How Restaurants Are Improving Their Health Inspection Scores
QSR, May 2022
It's safe to say that consumers have never been more concerned about restaurants meeting and even exceeding health code standards. In fact, according to a 2021 Ecolab report, 95 percent of consumers wanted to see as much if not more cleaning once the pandemic subsided, while 86 percent of respondents said a restaurant's commitment to health and safety practices helped determine whether or not they wanted to patronize that location.
Yelp expands restaurant health ratings in partnership with food tech startup Hazel Analytics
TechCrunch, March 2022
When Yelp wanted to scale its health scores program across the US and Canada they looked no further than to Hazel Analytics as their go-to partner. The Yelp/Hazel partnership was soft launched in 2021, and the official national launch was announced in March 2022. Today, Hazel powers health scores for more than 700,000 restaurants on the Yelp platform across the US and Canada, with more jurisdictions being added on a regular basis.
NFL Stadium Hygiene: How clean is your favorite football stadium food?
Pickswise, November 2021
With the start of the 2021 NFL season and with fans returning in droves to in-person games, Pickswise wanted to delve deeper into the hygiene ratings at these football stadiums across the US. Using data from Hazel Analytics, Pickswise analyzed health inspection data from 25 stadiums to find how often critical violations were cited at the food and beverage facilities within the arenas. They then ranked each stadium based on the number of critical violations incurred over the last five years.
Minneapolis becomes first in state to post food inspections online
Minnesota Star Tribune, January 2020
In 2019, Hazel collaborated with the Minnesota Star Tribune on a report highlighting the progress of major metros toward online disclosure. Now, the City of Minneapolis has become the first city in the State of Minnesota to launch an online public health inspection search portal. By enhancing visibility and actionability for many restaurant, grocery, and food delivery companies through Hazel's platform, online inspection records will improve food safety for the city's residents and visitors.
To Improve Food Inspections, Change the Way They're Scheduled
Harvard Business Review, May 2019
Since we have our own roots in university research, we're always excited to collaborate with researchers. When Harvard Business School researchers Maria Ibanez and Mike Toffel needed health department data to study the impact of scheduling on inspection outcomes, they turned to Hazel. The ensuing research was originally published in the Harvard Business Review before being picked up by multiple news outlets.

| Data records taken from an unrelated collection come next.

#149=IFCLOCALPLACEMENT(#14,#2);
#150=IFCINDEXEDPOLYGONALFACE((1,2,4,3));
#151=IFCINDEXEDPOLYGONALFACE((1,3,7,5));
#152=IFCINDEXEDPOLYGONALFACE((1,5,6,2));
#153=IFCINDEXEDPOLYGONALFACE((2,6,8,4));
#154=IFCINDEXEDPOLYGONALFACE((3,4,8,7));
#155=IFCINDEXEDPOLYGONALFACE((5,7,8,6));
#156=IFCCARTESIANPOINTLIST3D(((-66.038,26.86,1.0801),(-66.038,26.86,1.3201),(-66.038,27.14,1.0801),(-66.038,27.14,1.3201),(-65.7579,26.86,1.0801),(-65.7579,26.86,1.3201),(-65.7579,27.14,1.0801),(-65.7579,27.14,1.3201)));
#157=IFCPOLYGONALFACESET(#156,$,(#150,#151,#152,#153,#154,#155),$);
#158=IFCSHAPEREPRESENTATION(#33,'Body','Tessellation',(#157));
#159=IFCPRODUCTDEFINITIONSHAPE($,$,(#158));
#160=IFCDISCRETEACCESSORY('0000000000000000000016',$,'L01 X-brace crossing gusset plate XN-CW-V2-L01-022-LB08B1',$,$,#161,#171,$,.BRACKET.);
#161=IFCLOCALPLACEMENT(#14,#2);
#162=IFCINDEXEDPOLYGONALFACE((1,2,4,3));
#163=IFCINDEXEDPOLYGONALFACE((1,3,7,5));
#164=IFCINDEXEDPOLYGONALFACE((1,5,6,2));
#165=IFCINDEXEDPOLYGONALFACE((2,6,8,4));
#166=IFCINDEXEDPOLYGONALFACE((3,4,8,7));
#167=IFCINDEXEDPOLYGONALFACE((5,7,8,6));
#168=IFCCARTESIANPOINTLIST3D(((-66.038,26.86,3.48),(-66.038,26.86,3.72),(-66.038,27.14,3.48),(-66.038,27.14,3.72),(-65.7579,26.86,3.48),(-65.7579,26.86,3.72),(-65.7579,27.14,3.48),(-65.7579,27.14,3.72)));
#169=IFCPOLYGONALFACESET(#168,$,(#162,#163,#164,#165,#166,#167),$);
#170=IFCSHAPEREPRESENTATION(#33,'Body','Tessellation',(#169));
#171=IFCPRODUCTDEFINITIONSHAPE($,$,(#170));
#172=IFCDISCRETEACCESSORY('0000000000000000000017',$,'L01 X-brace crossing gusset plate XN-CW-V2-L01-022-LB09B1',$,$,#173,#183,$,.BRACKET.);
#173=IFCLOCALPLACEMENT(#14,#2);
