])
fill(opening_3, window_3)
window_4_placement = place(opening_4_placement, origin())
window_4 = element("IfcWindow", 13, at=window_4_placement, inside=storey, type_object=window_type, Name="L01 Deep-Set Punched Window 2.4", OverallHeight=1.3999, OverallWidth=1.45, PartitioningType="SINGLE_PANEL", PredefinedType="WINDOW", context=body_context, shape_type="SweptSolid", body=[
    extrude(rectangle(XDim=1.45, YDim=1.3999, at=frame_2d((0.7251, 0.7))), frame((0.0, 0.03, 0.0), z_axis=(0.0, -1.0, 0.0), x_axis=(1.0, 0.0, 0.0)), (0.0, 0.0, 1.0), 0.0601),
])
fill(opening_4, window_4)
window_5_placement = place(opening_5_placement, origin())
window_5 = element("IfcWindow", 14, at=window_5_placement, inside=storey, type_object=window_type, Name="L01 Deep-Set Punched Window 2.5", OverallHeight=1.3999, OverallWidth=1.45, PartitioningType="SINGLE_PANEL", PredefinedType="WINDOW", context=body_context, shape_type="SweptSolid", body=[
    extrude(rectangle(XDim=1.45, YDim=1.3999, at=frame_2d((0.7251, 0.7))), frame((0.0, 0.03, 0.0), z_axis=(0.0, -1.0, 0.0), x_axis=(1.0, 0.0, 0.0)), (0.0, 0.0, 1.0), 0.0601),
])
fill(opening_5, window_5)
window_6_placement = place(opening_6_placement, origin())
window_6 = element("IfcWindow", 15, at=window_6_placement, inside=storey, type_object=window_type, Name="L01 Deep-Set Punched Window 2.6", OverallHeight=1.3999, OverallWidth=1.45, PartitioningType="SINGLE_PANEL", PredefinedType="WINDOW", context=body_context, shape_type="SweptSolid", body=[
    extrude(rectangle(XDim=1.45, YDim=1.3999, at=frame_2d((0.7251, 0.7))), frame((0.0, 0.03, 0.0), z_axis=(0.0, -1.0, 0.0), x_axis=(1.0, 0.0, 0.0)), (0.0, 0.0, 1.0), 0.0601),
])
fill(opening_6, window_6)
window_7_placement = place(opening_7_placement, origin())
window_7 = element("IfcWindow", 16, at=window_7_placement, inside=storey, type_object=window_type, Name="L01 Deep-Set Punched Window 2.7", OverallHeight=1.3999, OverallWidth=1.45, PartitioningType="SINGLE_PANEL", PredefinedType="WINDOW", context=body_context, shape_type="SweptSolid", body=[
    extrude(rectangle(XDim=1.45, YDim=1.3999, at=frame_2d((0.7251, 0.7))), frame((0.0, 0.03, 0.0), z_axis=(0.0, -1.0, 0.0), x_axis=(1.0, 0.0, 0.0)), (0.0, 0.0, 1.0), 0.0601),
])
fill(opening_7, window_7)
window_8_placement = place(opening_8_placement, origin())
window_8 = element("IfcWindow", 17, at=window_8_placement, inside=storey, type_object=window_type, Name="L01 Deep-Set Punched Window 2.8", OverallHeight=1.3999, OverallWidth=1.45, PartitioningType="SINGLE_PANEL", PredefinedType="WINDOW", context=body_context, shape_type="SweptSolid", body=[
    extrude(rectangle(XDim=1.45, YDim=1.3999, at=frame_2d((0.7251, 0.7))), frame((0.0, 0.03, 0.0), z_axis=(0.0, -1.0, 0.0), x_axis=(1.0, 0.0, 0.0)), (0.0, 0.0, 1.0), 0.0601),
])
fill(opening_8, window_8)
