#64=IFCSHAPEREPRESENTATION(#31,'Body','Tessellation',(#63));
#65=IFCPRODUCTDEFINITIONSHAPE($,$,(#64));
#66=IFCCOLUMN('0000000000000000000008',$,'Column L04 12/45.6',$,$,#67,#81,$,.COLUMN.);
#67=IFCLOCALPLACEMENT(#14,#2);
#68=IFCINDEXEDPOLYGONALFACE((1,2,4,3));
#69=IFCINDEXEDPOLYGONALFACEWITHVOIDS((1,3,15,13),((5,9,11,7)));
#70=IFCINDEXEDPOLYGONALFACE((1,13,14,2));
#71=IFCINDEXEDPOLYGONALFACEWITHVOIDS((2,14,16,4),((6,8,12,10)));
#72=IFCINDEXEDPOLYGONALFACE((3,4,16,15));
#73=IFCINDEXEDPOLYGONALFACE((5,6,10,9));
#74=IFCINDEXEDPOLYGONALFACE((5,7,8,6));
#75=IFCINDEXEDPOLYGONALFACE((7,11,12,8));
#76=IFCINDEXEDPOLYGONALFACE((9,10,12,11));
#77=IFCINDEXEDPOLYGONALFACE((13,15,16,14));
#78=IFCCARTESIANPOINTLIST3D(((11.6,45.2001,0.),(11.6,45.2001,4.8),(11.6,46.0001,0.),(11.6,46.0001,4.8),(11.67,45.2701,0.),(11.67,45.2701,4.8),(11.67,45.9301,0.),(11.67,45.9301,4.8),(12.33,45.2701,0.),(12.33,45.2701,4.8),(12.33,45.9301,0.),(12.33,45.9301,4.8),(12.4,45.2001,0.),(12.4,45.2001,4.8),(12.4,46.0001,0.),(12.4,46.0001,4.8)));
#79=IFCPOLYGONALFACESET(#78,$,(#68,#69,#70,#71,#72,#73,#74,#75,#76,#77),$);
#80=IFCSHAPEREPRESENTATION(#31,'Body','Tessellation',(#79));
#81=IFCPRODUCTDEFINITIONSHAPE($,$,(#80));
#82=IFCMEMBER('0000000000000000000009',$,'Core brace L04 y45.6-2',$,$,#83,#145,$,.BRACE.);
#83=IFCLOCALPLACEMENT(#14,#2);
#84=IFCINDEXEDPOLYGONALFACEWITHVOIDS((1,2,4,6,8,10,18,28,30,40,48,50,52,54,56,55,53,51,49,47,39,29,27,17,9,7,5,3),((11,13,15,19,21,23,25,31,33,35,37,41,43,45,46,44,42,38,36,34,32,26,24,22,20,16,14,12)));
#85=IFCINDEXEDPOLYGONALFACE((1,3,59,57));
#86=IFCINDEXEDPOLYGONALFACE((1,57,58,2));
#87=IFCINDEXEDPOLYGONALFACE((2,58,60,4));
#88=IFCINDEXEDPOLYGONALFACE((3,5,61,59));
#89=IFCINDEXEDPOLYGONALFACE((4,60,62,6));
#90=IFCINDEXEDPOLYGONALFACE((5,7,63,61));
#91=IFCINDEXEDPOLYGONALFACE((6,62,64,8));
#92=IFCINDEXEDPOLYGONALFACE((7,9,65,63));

Hungry for data on food safety? In Minnesota, it's more than a click away
Minnesota Star Tribune, January 2019
We're eager to help accelerate the increasingly popular practice of local governments making their health inspection data readily accessible online. Eric Roper, a reporter at the Minnesota Star Tribune, shares this enthusiasm in his January 2019 piece that puts a spotlight on Minnesota for being the only state in the union that has no online reporting. We were happy to provide data to Eric and his team, and collaborate with them on the analysis.
What's lurking in your stadium food?
ESPN, December 2018
Few people think about the food safety challenges specific to sports stadiums and arenas, where thousands of fans need to be fed in a short period of time as they cheer on their favorite teams. ESPN reporter Paula Lavigne did a wildly popular piece for Outside The Lines highlighting these challenges, and ranking the food safety track record of all major professional sports stadiums in North America. ESPN collaborated with Hazel, leveraging our expertise in collecting and analyzing health inspection data, to produce the robust and detailed analysis.
A Data-Driven Road to Better Public Health
UCLA Anderson, May 2018
Hazel Analytics was born out of research conducted in large part at the UCLA Anderson School of Management. In 2018, the school interviewed Hazel CEO Arash Nasibi on how he turned this university research into a thriving business with a mission to improve public health through its technology.